Most of our sources suggest that there is a constant ratio among each of the three relationships (canopy breadth to trunk diameter, trunk diameter to height, and height to canopy breadth). For example, there is a positive relationship between the trunk diameter and the height within the species of the Giant Sequoia, a cousin of the Redwood. They may grow to reach a height of 350 feet with a trunk diameter of up to twenty-two feet (Dold 120). Similarly, smaller trees are more likely to have a smaller trunk diameter.

The reasons for these correlations may not be solely due to common growth patterns within a particular species of trees. For example, many scientific sources give sufficient evidence as to the adaptation of trees to their surrounding environments, which may alter the normal growth patterns. Such factors affecting the growth patterns within a species may include the location, the competitive forces among neighboring trees involving sunlight and water, and age. We are excluding all such variables in our measurements except the species of the trees and the locations of these trees.

One source states there is a strong correlation between the three measurements both within and across species, “suggesting that many species have similar allocation patterns” (O’Brien 1928). Another source states that there is little size dependency within a species.
Location is an important factor in determining tree measurements. In a closed canopy, there is a lot of competition among trees for such things as sunlight, water, and growing space. In a dense forest it is likely that there will be little foliage near the forest floor and the trees will tower because of their need for sunlight. However, in an open environment it is not necessary for a tree to be as tall because sunlight is abundant. The location concerning different parts of the country also affects tree growth. The palm tree, for example, is likely to grow into a mature tree in California, but in Ohio it may only tolerate weather conditions in a green house, where the amount of sunlight and temperature can be replicated like that of California. For example, Ryan states in “Hydraulic Limits to Tree Height and Tree Growth;”
“In the front range of the Colorado Rocky Mountains, a seed from a twenty-five meter tall ponderosa pine may fall into a rocky crevice and never grow more than one to two meters. On the eastern slope of the Cascade Mountains of Oregon, ponderosa pine soar to fifty meters. Thirty kilometers farther east in a drier climate, the same species struggles to attain ten meters…maximum height and the rate of height growth vary remarkably from place to place.”
Also, little wind reaches the center of the forest, meaning that there is little obtrusion in the direction of growth.

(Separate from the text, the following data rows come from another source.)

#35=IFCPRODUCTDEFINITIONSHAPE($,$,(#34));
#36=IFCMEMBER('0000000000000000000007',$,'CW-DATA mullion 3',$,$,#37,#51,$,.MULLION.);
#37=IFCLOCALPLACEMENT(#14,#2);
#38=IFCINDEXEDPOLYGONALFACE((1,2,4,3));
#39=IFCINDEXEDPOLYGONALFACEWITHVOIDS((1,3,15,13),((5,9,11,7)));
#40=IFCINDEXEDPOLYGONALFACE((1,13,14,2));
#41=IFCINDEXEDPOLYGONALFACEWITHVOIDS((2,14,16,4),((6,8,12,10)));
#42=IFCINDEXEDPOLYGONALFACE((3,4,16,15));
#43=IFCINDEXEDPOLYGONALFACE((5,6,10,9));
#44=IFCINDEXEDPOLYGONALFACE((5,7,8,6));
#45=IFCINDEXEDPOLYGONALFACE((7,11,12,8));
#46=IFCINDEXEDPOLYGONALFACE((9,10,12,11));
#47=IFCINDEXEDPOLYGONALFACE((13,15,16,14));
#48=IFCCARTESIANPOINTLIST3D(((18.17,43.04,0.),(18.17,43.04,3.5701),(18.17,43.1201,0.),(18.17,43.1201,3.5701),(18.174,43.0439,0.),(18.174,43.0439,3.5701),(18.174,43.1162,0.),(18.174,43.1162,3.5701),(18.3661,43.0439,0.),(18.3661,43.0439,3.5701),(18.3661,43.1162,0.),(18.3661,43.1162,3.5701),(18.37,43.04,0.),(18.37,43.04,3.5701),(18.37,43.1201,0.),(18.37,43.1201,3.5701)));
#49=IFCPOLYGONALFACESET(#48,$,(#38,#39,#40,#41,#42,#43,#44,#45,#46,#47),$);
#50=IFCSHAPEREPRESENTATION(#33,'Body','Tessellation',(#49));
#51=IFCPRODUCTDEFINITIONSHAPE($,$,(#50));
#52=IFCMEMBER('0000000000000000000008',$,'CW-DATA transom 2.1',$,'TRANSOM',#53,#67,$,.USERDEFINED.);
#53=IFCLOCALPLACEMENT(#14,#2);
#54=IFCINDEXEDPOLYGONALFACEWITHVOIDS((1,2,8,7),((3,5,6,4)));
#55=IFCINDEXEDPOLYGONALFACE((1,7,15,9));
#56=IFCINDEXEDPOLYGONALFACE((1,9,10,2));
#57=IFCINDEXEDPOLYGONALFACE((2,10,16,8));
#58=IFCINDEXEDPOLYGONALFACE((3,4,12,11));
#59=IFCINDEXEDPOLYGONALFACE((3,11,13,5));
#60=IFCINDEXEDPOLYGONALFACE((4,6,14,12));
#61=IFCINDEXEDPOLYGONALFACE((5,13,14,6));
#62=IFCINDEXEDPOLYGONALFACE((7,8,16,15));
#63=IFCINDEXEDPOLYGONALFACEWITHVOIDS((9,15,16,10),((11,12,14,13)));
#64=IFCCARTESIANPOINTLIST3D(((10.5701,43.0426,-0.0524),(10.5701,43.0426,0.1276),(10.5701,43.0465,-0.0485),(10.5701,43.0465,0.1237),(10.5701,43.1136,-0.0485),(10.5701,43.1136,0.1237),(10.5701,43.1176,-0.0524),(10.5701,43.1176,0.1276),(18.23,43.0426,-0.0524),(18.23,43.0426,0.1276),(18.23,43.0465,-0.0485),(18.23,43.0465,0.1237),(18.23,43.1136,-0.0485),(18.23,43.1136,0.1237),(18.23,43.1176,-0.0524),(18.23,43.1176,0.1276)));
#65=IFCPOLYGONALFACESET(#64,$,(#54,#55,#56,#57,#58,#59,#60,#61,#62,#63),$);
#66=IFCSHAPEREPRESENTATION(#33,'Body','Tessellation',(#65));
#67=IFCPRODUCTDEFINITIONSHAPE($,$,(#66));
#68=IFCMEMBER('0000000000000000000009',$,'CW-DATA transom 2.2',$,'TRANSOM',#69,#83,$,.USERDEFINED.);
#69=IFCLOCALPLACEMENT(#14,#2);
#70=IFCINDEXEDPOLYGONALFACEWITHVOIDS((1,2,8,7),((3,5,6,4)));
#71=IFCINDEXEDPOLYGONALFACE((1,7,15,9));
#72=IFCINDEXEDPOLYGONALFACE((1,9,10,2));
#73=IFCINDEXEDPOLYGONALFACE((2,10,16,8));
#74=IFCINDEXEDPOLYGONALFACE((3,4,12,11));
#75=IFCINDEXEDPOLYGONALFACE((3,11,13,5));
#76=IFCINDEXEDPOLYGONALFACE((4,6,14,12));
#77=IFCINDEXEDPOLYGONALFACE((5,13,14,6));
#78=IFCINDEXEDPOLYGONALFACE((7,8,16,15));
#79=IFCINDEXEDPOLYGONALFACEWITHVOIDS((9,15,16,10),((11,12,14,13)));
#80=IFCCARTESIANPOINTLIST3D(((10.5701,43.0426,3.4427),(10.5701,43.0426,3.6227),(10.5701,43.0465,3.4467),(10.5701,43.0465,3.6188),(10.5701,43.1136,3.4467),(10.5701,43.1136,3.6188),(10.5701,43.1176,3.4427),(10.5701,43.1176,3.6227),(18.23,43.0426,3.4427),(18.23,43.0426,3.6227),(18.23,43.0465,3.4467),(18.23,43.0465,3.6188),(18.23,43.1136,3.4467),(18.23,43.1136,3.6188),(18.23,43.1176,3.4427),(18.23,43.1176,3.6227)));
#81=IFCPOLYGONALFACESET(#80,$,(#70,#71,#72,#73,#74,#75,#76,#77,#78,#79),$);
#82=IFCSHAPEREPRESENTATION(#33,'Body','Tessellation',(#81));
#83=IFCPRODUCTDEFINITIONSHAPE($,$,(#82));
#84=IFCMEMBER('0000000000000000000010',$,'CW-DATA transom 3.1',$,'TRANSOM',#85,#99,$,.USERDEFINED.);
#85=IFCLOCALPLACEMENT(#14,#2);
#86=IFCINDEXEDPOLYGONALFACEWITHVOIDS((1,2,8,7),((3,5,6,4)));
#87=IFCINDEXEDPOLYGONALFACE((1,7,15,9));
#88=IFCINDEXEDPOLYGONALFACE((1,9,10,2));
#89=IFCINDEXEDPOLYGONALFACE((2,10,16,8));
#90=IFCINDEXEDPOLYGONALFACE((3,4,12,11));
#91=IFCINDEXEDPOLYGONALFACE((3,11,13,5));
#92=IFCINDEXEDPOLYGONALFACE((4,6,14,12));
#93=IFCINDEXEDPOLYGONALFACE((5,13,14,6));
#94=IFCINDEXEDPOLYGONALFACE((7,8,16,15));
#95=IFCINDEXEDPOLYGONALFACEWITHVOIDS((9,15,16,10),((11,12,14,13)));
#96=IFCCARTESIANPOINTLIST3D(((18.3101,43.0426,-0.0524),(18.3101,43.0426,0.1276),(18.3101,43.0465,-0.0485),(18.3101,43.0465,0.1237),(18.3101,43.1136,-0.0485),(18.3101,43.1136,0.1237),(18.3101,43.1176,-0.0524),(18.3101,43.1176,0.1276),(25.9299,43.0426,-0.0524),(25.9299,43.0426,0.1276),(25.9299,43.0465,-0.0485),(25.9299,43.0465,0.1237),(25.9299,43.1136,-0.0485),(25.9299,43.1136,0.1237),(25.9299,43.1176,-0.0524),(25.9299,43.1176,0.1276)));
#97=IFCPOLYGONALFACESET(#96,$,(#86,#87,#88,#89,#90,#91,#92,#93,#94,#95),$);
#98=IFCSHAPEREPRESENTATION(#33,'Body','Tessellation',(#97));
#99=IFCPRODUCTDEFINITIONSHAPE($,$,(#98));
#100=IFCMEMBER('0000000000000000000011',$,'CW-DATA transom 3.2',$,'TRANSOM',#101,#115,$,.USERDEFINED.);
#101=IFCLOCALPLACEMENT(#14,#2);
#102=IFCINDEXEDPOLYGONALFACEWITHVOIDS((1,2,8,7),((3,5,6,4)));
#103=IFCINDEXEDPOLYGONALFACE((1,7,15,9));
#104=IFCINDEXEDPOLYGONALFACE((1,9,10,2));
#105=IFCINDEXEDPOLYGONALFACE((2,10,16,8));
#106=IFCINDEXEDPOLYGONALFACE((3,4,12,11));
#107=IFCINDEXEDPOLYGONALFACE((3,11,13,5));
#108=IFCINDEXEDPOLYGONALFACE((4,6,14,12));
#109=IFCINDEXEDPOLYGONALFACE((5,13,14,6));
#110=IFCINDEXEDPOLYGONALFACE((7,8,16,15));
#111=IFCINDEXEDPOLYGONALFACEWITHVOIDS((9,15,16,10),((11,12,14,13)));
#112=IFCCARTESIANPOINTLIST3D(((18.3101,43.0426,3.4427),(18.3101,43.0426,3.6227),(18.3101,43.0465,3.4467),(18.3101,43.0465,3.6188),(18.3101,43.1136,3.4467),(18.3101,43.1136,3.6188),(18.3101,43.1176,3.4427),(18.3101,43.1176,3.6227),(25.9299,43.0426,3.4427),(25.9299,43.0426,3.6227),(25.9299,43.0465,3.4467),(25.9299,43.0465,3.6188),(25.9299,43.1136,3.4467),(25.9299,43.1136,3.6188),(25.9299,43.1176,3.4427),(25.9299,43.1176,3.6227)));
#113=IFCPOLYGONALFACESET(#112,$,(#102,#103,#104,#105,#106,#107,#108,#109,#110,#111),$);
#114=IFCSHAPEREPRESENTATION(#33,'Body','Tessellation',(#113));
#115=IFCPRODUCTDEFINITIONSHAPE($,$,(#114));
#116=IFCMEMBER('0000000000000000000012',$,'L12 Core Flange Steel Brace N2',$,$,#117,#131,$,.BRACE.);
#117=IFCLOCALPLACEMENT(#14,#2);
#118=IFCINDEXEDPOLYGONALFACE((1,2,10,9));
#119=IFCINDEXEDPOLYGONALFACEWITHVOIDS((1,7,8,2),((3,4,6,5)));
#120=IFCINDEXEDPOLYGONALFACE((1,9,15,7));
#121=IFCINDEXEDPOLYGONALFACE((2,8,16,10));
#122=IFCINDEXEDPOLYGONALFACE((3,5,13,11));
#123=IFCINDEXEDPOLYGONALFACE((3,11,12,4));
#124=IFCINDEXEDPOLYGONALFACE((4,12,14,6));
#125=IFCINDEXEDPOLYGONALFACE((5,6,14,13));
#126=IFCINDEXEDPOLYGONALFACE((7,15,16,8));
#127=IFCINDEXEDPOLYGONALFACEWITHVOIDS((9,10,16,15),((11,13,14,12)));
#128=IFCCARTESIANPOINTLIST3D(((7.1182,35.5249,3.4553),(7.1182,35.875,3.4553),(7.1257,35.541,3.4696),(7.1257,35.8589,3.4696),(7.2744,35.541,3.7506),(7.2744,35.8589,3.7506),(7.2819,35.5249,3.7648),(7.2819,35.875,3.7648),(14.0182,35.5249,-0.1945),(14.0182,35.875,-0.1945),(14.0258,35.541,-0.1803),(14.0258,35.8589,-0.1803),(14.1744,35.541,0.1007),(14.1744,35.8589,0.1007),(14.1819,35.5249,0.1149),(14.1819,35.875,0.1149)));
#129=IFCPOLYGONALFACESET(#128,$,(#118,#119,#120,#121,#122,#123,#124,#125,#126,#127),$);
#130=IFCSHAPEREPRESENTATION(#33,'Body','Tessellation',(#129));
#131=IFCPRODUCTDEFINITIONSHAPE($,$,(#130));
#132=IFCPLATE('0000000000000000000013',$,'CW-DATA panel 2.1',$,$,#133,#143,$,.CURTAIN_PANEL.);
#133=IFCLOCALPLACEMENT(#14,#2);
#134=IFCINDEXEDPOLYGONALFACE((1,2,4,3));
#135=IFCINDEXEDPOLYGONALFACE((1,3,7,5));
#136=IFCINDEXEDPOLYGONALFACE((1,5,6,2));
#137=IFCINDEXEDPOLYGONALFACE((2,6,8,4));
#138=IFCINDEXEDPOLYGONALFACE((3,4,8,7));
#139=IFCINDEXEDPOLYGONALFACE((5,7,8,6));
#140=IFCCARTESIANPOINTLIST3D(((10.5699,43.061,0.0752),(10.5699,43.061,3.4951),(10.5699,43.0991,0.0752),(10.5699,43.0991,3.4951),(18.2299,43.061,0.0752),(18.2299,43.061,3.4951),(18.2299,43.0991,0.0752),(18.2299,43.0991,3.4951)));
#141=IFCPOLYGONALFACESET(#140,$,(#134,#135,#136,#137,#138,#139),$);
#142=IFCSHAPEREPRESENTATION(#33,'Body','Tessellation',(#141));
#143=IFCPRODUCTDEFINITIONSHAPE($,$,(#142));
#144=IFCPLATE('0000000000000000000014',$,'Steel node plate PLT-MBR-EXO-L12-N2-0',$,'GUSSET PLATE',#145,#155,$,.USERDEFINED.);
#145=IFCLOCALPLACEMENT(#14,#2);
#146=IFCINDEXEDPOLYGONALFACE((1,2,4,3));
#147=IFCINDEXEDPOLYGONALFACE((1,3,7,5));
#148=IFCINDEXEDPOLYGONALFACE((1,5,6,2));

Age has been proven to slow the upward growth of a tree, even though the tree trunk diameter may continue to grow, which would change the constant ratio between the three measurements. At a certain age, the tree stops growing completely in height. A young mountain ash may grow up to two to three meters per year in height. By 90 years of age, height growth slows to 50 centimeters per year, and by 150 years, height growth stops, although the tree may live for another century or more (Ryan 235). Factors of age that affect the growth may be slowed photosynthesis, lack of nutrient availability, or a lack of carbon for multiple trees to flourish. For reinforcement, these considerations will not be taken into account, but may ultimately be a factor in why certain trees grow the way that they do.

Materials and Methods:
The materials we used in this experiment included: protractor; string and weight (clinometer); tape measure (in metric); calculator; chalk; leaf guide; and maples, oaks, and ashes.

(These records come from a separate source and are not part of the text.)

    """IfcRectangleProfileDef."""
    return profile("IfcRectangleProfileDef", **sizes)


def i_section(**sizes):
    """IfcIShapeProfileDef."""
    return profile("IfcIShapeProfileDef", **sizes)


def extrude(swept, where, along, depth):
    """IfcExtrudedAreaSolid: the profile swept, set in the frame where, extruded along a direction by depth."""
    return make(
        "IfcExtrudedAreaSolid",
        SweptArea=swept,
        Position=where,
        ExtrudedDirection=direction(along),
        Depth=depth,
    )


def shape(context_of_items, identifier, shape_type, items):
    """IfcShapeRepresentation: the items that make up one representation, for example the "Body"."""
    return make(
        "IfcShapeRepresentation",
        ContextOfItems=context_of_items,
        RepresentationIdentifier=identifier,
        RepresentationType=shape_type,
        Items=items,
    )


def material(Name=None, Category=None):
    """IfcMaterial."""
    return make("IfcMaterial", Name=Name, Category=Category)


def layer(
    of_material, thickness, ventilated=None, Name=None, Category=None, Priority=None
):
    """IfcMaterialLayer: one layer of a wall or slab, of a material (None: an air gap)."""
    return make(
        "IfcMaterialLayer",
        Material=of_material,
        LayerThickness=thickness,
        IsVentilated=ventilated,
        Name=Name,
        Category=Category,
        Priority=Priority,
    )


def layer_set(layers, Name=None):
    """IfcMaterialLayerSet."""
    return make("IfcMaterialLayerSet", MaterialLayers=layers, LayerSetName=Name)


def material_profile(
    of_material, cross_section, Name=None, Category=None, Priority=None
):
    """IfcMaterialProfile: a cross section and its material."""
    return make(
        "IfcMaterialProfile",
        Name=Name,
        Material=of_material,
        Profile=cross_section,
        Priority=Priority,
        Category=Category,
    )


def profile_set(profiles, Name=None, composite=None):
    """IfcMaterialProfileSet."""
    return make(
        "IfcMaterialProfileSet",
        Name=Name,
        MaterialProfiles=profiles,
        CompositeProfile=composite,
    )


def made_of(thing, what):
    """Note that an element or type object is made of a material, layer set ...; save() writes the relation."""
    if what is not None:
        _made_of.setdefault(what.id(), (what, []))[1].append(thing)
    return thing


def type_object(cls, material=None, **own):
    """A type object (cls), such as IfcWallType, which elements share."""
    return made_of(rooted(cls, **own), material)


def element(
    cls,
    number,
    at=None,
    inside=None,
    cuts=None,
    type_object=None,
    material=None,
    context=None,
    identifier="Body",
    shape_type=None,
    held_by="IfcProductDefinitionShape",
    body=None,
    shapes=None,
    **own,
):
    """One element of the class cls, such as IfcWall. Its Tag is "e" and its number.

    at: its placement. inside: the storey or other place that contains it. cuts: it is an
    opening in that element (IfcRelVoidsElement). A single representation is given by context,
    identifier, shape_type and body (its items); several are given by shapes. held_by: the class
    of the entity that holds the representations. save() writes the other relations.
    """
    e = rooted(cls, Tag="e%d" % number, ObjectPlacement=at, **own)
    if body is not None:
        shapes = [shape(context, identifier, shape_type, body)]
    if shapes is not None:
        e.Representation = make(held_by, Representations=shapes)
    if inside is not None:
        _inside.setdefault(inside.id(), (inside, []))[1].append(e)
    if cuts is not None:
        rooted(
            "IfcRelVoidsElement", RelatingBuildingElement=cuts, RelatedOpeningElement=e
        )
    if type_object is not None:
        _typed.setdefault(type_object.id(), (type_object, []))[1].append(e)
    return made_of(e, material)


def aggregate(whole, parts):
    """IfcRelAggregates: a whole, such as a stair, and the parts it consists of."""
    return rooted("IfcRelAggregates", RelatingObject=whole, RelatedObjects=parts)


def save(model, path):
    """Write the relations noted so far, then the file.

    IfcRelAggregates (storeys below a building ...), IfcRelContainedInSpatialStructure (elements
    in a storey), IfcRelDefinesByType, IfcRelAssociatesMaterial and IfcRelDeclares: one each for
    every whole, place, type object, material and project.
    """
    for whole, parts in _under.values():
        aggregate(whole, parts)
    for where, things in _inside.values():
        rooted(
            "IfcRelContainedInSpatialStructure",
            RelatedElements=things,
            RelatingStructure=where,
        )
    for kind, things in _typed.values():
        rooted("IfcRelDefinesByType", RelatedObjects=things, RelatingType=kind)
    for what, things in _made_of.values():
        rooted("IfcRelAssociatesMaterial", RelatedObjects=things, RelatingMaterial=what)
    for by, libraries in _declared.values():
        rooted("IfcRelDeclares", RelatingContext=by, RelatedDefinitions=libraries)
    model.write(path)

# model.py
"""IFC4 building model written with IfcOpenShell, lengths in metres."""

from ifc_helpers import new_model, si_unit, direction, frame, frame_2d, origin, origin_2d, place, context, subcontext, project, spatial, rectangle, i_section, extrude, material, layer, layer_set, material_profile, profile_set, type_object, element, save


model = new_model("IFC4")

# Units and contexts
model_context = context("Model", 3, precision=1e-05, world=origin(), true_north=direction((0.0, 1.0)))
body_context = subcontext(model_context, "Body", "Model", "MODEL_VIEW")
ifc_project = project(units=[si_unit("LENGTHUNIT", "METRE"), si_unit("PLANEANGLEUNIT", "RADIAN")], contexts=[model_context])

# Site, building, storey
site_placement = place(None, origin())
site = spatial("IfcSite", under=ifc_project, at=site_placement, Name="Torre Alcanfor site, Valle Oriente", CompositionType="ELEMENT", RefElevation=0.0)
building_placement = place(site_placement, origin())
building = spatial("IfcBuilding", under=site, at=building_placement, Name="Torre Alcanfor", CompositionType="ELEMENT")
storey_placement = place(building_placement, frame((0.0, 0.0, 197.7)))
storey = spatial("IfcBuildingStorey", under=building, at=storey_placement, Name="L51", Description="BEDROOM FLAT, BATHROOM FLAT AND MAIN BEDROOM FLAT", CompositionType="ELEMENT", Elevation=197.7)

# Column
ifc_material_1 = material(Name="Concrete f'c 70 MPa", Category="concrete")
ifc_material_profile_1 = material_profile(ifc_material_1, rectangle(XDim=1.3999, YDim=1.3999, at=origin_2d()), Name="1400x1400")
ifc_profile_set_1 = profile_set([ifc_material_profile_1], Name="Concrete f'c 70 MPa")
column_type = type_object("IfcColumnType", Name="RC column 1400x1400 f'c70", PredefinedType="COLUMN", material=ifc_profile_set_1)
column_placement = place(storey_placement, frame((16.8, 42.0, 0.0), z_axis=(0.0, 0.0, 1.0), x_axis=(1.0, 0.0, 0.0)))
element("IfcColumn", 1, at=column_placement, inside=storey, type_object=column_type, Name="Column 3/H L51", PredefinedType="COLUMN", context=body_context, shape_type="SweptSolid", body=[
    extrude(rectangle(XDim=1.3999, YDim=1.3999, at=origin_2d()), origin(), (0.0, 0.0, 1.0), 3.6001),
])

Using a field guide, we identified if the type of tree was a maple, oak, or ash. If so, we recorded the species on the data sheet. We determined whether or not it was in a forest. At least five trees within a 6.1-meter (20-foot) radius constituted a forest.

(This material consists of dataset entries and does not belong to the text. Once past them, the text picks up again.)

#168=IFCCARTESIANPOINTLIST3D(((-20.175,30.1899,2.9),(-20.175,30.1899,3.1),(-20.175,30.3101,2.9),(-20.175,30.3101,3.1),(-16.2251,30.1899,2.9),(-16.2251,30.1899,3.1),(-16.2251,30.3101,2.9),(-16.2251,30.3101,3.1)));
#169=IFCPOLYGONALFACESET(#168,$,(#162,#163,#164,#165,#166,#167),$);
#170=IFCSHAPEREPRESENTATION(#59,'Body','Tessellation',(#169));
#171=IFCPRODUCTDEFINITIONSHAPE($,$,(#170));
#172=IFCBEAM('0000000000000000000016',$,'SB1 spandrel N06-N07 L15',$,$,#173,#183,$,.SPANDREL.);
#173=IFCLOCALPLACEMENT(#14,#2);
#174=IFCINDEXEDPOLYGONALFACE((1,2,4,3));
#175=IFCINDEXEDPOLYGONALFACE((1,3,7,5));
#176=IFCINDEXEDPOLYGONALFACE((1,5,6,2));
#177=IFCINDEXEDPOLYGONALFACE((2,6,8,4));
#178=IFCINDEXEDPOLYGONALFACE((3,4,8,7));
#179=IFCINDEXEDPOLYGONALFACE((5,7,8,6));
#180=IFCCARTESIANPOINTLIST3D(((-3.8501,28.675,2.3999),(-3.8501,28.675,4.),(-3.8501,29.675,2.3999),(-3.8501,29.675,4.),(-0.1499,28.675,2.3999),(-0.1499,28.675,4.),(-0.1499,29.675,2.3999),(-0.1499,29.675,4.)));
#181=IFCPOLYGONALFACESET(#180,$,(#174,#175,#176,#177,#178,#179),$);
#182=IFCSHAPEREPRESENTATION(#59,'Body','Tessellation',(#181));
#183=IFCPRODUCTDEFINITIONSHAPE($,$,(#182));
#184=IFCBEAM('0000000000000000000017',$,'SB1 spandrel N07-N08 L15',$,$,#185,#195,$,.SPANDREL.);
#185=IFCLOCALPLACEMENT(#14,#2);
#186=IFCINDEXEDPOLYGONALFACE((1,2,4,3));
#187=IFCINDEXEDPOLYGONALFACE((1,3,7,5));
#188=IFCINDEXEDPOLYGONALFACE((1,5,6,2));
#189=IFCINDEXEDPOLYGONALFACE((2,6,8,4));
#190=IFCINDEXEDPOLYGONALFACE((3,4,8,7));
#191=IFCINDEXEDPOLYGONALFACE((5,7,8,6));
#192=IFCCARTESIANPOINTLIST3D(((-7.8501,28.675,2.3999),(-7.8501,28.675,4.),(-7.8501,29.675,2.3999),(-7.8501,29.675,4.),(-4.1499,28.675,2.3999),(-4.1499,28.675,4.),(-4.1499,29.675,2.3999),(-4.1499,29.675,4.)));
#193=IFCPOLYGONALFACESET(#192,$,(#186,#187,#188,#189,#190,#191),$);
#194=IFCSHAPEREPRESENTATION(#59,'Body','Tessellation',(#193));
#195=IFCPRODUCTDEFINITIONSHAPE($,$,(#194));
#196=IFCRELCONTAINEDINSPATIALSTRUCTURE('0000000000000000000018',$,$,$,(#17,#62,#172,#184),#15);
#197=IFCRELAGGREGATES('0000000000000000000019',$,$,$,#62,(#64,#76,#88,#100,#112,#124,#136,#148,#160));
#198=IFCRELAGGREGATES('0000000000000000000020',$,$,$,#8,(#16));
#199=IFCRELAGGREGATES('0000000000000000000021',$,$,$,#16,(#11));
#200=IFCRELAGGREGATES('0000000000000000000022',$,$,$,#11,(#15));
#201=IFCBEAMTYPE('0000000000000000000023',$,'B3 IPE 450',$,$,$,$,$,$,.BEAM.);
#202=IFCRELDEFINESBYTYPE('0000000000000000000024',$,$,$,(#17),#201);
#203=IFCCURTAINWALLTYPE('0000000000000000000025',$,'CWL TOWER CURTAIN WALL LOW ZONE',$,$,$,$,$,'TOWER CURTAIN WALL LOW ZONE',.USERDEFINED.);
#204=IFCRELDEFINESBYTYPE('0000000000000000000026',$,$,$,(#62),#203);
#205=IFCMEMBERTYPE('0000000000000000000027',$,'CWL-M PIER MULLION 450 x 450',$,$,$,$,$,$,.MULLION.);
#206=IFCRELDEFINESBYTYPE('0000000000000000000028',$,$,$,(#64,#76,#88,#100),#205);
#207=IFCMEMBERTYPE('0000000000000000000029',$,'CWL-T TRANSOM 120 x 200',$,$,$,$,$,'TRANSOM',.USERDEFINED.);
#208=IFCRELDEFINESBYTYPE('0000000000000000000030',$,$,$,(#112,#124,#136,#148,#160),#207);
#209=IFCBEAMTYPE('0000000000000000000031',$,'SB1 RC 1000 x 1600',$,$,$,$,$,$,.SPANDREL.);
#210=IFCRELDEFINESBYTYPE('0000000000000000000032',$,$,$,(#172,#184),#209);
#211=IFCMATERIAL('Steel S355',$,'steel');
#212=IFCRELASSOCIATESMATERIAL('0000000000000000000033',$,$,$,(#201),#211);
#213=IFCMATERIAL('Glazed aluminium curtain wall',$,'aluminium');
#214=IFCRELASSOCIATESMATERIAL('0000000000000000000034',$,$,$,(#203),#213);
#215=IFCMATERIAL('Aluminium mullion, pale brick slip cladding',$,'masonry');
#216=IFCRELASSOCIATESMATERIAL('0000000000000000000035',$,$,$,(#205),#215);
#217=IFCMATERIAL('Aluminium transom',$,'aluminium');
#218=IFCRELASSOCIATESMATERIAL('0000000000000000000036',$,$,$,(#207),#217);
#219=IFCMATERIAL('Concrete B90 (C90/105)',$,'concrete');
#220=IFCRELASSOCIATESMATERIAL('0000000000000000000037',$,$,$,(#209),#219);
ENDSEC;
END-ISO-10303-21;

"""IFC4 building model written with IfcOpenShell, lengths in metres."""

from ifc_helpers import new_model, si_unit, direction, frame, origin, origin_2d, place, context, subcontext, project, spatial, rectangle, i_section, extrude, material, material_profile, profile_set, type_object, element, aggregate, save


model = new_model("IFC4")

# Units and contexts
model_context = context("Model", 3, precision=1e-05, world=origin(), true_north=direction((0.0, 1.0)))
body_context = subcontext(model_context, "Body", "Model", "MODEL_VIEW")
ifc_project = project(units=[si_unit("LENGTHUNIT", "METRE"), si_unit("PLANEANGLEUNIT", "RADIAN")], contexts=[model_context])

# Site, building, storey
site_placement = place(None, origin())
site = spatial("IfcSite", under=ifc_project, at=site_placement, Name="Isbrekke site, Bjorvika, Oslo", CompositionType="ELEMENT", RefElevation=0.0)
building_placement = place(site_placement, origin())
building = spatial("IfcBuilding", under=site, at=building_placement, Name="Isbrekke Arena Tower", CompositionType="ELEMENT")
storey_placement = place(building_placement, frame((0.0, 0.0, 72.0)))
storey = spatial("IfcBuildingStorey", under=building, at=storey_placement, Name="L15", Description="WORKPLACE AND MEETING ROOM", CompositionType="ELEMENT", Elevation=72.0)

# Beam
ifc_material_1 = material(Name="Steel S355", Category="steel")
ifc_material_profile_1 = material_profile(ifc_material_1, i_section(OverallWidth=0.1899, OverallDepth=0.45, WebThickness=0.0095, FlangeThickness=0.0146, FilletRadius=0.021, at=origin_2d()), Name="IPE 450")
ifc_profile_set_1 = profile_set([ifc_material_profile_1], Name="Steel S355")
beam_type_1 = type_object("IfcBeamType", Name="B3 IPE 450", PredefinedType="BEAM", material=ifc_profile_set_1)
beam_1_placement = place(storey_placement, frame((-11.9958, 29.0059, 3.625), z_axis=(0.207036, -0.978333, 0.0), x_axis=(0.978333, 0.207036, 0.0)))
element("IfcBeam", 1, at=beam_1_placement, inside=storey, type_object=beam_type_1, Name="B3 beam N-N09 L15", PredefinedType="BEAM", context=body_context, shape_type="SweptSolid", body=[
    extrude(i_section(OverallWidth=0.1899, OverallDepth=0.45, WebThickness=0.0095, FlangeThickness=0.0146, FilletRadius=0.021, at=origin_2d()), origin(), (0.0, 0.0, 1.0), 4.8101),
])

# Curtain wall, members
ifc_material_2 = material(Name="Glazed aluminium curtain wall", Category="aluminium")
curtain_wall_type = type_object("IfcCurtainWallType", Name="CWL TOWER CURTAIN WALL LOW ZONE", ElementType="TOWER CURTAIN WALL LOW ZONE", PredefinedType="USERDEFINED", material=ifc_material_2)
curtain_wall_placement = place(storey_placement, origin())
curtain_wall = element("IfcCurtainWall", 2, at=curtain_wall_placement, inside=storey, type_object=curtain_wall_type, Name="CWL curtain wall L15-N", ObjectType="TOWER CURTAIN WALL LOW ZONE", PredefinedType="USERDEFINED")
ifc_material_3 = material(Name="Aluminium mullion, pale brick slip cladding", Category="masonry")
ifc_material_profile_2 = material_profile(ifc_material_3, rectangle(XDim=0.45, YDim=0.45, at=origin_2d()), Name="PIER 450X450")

To measure the height of the tree we stood at a point away from the tree (at least a few meters) in which the top of the tree could be seen. We measured this point's distance from the center of the trunk and recorded this under the column "Point Distance" in our data sheet. We then stood at this point and used the clinometer.

By extending the clinometer up towards the tree so that there is a direct line of sight with the straight edge and the top of the tree (the highest point), we measured the angle the string made with the protractor. We subtracted this number from 90 degrees to find the angle from the "Point Distance" to the top of the tree. We let this be called angle “Q,” and recorded it as such.

We then measured the height of the person from his/her angled arm, and used this height as a reference for all protractor readings. This was recorded under "Height of Person." To determine the height we first used the trigonometric equation: tanQ = Height/ Point Distance.
This determined the height from the protractor (at 0 degrees) to the top of the tree. To find the total height of the tree, we added the height found using the trigonometric equation to the "Height of Person." This was recorded under "Tree Height."

To measure the diameter at breast height (dbh), we first positioned the tape measure around the trunk of the tree at breast height to avoid the butt swell (the wide bottom part of the trunk). We recorded this under "Circumference." By using this measurement as the circumference, we used the formula: Circumference = Diameter * Pi,
to determine the diameter of the trunk, with pi being 3.14. This was recorded under "Diameter."

To measure the canopy breadth (overall width of tree), we stood underneath the furthest point out from the trunk, taking into account branches and leaves. We then measured the distance from this point to the center of the tree to the opposite point out from the trunk. We moved a little to one side and measured the canopy breadth using the
measuring tape. This avoided measuring a path that would interfere with the trunk. Then we recorded it under "Canopy Breadth."

After having measured a tree, we drew a ring around the trunk of the tree with chalk to indicate that tree was already measured. This avoided the same tree being measured twice. We followed these steps to arrive at the height of the tree, the diameter of the trunk, and the canopy breadth.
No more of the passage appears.